The message is that, as little can be done to prevent the acquisition of oncogenic mutations with age (apart, obviously, from not smoking, etc.), we need to identify environmental pollutants, including PM2.5, that have the potential to trigger the expansion of pre-existing, mutant lung cells via inflammation. You couldn’t ask for more compelling evidence to support a public health mandate to restrict particulate emissions, especially in urban areas.
References
Balmain A. Air pollution’s role in the promotion of lung cancer. Nature. 2023 Apr;616(7955):35-36. doi: 10.1038/d41586-023-00929-x. PMID: 37020001.
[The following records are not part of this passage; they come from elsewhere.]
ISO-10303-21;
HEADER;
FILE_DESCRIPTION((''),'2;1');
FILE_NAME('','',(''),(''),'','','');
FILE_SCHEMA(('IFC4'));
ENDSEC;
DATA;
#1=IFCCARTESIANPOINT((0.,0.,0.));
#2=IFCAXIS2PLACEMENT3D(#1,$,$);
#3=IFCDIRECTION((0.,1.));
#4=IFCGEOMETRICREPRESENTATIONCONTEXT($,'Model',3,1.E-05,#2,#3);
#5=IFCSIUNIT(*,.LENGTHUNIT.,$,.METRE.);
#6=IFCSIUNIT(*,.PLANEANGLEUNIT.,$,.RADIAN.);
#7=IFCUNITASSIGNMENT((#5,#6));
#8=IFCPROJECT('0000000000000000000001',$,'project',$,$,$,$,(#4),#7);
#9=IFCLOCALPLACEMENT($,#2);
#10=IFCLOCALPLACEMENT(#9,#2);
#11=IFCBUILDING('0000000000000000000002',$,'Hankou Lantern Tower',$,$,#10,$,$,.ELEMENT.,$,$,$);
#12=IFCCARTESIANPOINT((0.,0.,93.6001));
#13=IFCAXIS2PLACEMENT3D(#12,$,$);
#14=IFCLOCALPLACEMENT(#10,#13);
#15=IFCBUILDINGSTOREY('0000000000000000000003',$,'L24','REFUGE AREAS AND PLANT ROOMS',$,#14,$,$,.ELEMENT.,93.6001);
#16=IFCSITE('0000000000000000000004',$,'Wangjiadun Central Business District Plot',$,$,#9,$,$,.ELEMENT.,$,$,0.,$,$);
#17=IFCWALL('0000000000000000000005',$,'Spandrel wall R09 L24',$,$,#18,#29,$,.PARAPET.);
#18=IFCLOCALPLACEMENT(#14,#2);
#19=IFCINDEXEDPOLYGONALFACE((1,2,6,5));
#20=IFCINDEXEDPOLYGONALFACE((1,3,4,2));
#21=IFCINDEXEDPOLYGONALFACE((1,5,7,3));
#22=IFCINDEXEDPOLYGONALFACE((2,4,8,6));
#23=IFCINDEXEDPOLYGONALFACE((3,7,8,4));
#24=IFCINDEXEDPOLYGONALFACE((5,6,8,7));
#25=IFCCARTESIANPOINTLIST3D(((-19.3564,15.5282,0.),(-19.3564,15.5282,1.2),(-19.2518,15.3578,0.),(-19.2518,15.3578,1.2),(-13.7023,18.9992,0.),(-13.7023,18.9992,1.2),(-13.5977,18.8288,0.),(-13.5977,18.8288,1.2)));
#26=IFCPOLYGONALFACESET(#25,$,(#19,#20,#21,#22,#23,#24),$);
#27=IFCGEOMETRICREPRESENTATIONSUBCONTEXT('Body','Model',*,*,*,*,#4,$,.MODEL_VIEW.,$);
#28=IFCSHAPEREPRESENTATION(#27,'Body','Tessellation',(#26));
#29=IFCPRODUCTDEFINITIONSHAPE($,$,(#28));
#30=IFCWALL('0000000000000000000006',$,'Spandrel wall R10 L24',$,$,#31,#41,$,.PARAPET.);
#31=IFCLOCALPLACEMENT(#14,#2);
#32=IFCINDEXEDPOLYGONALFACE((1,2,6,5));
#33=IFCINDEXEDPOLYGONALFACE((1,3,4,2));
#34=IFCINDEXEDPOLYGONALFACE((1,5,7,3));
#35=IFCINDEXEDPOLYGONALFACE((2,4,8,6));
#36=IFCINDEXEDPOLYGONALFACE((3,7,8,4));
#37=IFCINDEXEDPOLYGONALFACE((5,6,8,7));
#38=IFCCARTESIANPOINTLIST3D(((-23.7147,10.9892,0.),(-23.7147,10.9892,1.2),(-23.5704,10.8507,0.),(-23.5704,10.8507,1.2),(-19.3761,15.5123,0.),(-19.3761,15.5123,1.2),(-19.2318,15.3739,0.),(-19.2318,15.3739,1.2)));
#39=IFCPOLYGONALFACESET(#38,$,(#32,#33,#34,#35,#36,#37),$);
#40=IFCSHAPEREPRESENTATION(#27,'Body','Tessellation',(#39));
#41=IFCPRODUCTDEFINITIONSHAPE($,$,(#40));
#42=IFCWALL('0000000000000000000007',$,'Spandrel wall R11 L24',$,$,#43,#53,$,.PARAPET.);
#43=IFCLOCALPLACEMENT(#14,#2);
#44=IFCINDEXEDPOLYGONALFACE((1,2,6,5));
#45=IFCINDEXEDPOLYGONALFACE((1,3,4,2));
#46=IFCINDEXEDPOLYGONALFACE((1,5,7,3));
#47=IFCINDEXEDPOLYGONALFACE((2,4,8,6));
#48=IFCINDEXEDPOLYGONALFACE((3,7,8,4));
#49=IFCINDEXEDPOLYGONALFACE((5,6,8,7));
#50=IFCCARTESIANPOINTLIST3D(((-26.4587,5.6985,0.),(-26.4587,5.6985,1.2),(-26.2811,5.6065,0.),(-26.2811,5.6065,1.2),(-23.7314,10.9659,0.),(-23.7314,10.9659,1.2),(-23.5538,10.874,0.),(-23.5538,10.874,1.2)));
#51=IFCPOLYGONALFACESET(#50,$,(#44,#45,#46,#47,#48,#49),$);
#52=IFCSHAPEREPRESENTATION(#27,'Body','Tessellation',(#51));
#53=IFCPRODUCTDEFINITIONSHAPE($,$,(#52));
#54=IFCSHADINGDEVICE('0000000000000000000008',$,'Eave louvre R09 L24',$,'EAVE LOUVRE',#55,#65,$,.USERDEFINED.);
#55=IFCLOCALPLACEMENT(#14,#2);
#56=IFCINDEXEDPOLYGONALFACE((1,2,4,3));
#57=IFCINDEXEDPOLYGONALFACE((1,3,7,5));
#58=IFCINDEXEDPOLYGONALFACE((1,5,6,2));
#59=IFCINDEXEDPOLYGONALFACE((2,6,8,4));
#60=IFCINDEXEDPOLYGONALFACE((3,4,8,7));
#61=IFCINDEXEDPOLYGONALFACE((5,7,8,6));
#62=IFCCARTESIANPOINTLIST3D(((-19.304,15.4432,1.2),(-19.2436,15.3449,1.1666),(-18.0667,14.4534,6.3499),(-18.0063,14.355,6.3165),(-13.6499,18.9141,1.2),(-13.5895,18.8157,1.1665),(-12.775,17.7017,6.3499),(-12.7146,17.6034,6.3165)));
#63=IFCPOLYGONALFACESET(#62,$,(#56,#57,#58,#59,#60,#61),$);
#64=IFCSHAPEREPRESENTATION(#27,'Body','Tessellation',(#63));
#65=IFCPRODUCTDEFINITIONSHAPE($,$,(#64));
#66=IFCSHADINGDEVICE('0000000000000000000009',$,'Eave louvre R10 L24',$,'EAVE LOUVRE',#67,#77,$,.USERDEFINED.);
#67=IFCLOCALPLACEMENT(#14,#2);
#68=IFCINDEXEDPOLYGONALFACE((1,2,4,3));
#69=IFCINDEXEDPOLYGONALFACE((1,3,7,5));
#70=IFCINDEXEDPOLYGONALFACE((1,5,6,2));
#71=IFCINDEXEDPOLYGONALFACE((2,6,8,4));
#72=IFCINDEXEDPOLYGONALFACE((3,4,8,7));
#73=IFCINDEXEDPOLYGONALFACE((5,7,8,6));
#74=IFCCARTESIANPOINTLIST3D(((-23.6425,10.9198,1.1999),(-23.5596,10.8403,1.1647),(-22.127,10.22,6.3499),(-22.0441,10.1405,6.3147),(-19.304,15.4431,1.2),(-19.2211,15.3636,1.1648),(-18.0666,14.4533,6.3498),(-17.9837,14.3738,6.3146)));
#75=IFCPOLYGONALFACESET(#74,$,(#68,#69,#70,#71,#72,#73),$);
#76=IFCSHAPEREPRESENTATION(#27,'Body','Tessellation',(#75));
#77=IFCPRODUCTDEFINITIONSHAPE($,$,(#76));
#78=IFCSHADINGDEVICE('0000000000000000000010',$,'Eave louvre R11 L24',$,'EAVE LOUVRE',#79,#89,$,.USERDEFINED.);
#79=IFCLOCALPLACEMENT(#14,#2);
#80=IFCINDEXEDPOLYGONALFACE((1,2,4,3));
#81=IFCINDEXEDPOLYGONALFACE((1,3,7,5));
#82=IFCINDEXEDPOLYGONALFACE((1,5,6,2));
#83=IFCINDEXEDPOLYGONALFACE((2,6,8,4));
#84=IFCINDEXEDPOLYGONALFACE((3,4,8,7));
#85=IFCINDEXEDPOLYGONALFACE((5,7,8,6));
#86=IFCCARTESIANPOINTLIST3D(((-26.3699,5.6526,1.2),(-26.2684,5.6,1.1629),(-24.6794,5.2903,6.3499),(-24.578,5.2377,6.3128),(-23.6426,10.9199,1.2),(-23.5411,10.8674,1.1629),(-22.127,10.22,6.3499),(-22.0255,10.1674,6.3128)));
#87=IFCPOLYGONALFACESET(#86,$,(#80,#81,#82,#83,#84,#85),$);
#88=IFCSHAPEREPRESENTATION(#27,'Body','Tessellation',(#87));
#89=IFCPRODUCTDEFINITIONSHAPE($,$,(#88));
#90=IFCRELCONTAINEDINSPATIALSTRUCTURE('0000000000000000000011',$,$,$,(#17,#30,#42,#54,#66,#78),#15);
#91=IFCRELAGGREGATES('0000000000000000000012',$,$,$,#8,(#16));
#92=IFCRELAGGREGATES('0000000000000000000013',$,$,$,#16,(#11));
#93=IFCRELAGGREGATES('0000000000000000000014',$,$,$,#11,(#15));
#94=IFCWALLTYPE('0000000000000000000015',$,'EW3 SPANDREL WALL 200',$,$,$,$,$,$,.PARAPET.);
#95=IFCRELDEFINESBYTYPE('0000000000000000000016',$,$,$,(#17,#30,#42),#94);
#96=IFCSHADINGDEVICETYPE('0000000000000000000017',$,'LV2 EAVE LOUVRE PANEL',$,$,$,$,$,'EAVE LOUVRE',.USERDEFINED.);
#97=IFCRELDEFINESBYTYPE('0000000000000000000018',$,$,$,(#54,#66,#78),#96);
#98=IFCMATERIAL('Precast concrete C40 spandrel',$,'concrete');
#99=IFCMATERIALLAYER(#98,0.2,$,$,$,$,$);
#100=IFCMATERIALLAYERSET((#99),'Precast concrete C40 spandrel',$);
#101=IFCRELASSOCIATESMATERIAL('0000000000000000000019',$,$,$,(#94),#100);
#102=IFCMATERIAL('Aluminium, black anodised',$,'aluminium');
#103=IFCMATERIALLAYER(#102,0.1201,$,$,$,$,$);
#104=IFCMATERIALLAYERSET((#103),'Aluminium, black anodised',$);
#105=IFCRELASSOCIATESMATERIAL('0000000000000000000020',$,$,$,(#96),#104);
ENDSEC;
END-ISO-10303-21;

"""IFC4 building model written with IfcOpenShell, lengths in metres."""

from ifc_helpers import new_model, si_unit, direction, frame, frame_2d, origin, place, context, subcontext, project, spatial, polyline, rectangle, outline, extrude, material, layer, layer_set, type_object, element, save


model = new_model("IFC4")

# Units and contexts
model_context = context("Model", 3, precision=1e-05, world=origin(), true_north=direction((0.0, 1.0)))
body_context = subcontext(model_context, "Body", "Model", "MODEL_VIEW")
ifc_project = project(units=[si_unit("LENGTHUNIT", "METRE"), si_unit("PLANEANGLEUNIT", "RADIAN")], contexts=[model_context])

# Site, building, storey
site_placement = place(None, origin())
site = spatial("IfcSite", under=ifc_project, at=site_placement, Name="Wangjiadun Central Business District Plot", CompositionType="ELEMENT", RefElevation=0.0)
building_placement = place(site_placement, origin())
building = spatial("IfcBuilding", under=site, at=building_placement, Name="Hankou Lantern Tower", CompositionType="ELEMENT")
storey_placement = place(building_placement, frame((0.0, 0.0, 93.6001)))
storey = spatial("IfcBuildingStorey", under=building, at=storey_placement, Name="L24", Description="REFUGE AREAS AND PLANT ROOMS", CompositionType="ELEMENT", Elevation=93.6001)

# Walls
ifc_material_1 = material(Name="Precast concrete C40 spandrel", Category="concrete")
ifc_layer_1 = layer(ifc_material_1, 0.2)
ifc_layer_set_1 = layer_set([ifc_layer_1], Name="Precast concrete C40 spandrel")
wall_type = type_object("IfcWallType", Name="EW3 SPANDREL WALL 200", PredefinedType="PARAPET", material=ifc_layer_set_1)
wall_1_placement = place(storey_placement, frame((-13.6499, 18.9141, 0.0), z_axis=(0.0, 0.0, 1.0), x_axis=(-0.852228, -0.523171, 0.0)))
element("IfcWall", 1, at=wall_1_placement, inside=storey, type_object=wall_type, Name="Spandrel wall R09 L24", PredefinedType="PARAPET", context=body_context, shape_type="SweptSolid", body=[
    extrude(rectangle(XDim=6.6345, YDim=0.2, at=frame_2d((3.3174, 0.0))), origin(), (0.0, 0.0, 1.0), 1.2),
])
wall_2_placement = place(storey_placement, frame((-19.304, 15.4431, 0.0), z_axis=(0.0, 0.0, 1.0), x_axis=(-0.692229, -0.721678, 0.0)))
element("IfcWall", 2, at=wall_2_placement, inside=storey, type_object=wall_type, Name="Spandrel wall R10 L24", PredefinedType="PARAPET", context=body_context, shape_type="SweptSolid", body=[
    extrude(rectangle(XDim=6.2676, YDim=0.2, at=frame_2d((3.1338, 0.0))), origin(), (0.0, 0.0, 1.0), 1.2),
])
wall_3_placement = place(storey_placement, frame((-23.6426, 10.9199, 0.0), z_axis=(0.0, 0.0, 1.0), x_axis=(-0.459797, -0.888024, 0.0)))
element("IfcWall", 3, at=wall_3_placement, inside=storey, type_object=wall_type, Name="Spandrel wall R11 L24", PredefinedType="PARAPET", context=body_context, shape_type="SweptSolid", body=[
    extrude(rectangle(XDim=5.9316, YDim=0.2, at=frame_2d((2.9658, 0.0))), origin(), (0.0, 0.0, 1.0), 1.2),
])

# Shading devices
ifc_material_2 = material(Name="Aluminium, black anodised", Category="aluminium")
ifc_layer_2 = layer(ifc_material_2, 0.1201)
ifc_layer_set_2 = layer_set([ifc_layer_2], Name="Aluminium, black anodised")
shading_device_type = type_object("IfcShadingDeviceType", Name="LV2 EAVE LOUVRE PANEL", ElementType="EAVE LOUVRE", PredefinedType="USERDEFINED", material=ifc_layer_set_2)
shading_device_1_placement = place(storey_placement, frame((-13.6499, 18.9141, 1.2), z_axis=(-0.502522, 0.818621, 0.278084), x_axis=(-0.852235, -0.523158, 0.000004)))
element("IfcShadingDevice", 4, at=shading_device_1_placement, inside=storey, type_object=shading_device_type, Name="Eave louvre R09 L24", ObjectType="EAVE LOUVRE", PredefinedType="USERDEFINED", context=body_context, shape_type="SweptSolid", body=[
    extrude(outline(polyline([(0.0, 0.0), (6.6344, 0.0), (6.0978, 5.3613), (-0.1114, 5.3614), (0.0, 0.0)])), origin(), (0.0, 0.0, -1.0), 0.1201),
])
shading_device_2_placement = place(storey_placement, frame((-19.304, 15.4431, 1.2), z_axis=(-0.690018, 0.661834, 0.293003), x_axis=(-0.692216, -0.721691, -0.000006)))
element("IfcShadingDevice", 5, at=shading_device_2_placement, inside=storey, type_object=shading_device_type, Name="Eave louvre R10 L24", ObjectType="EAVE LOUVRE", PredefinedType="USERDEFINED", context=body_context, shape_type="SweptSolid", body=[
    extrude(outline(polyline([(0.0, 0.0), (6.2676, 0.0), (5.7236, 5.3863), (-0.1422, 5.3863), (0.0, 0.0)])), origin(), (0.0, 0.0, -1.0), 0.1201),
])
shading_device_3_placement = place(storey_placement, frame((-23.6426, 10.9199, 1.2), z_axis=(-0.844828, 0.437433, 0.308087), x_axis=(-0.459798, -0.888023, 0.0)))
element("IfcShadingDevice", 6, at=shading_device_3_placement, inside=storey, type_object=shading_device_type, Name="Eave louvre R11 L24", ObjectType="EAVE LOUVRE", PredefinedType="USERDEFINED", context=body_context, shape_type="SweptSolid", body=[
    extrude(outline(polyline([(0.0, 0.0), (5.9315, 0.0), (5.476, 5.4132), (-0.0753, 5.4132), (0.0, 0.0)])), origin(), (0.0, 0.0, -1.0), 0.1201),
])

save(model, "model.ifc")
Hill W, Lim EL, Weeden CE, Lee C, Augustine M, Chen K, Kuan FC, Marongiu F, Evans EJ Jr, Moore DA, Rodrigues FS, Pich O, Bakker B, Cha H, Myers R, van Maldegem F, Boumelha J, Veeriah S, Rowan A, Naceur-Lombardelli C, Karasaki T, Sivakumar M, De S, Caswell DR, Nagano A, Black JRM, Martínez-Ruiz C, Ryu MH, Huff RD, Li S, Favé MJ, Magness A, Suárez-Bonnet A, Priestnall SL, Lüchtenborg M, Lavelle K, Pethick J, Hardy S, McRonald FE, Lin MH, Troccoli CI, Ghosh M, Miller YE, Merrick DT, Keith RL, Al Bakir M, Bailey C, Hill MS, Saal LH, Chen Y, George AM, Abbosh C, Kanu N, Lee SH, McGranahan N, Berg CD, Sasieni P, Houlston R, Turnbull C, Lam S, Awadalla P, Grönroos E, Downward J, Jacks T, Carlsten C, Malanchi I, Hackshaw A, Litchfield K; TRACERx Consortium; DeGregori J, Jamal-Hanjani M, Swanton C. Lung adenocarcinoma promotion by air pollutants. Nature. 2023 Apr;616(7955):159-167. doi: 10.1038/s41586-023-05874-3. Epub 2023 Apr 5. PMID: 37020004; PMCID: PMC7614604.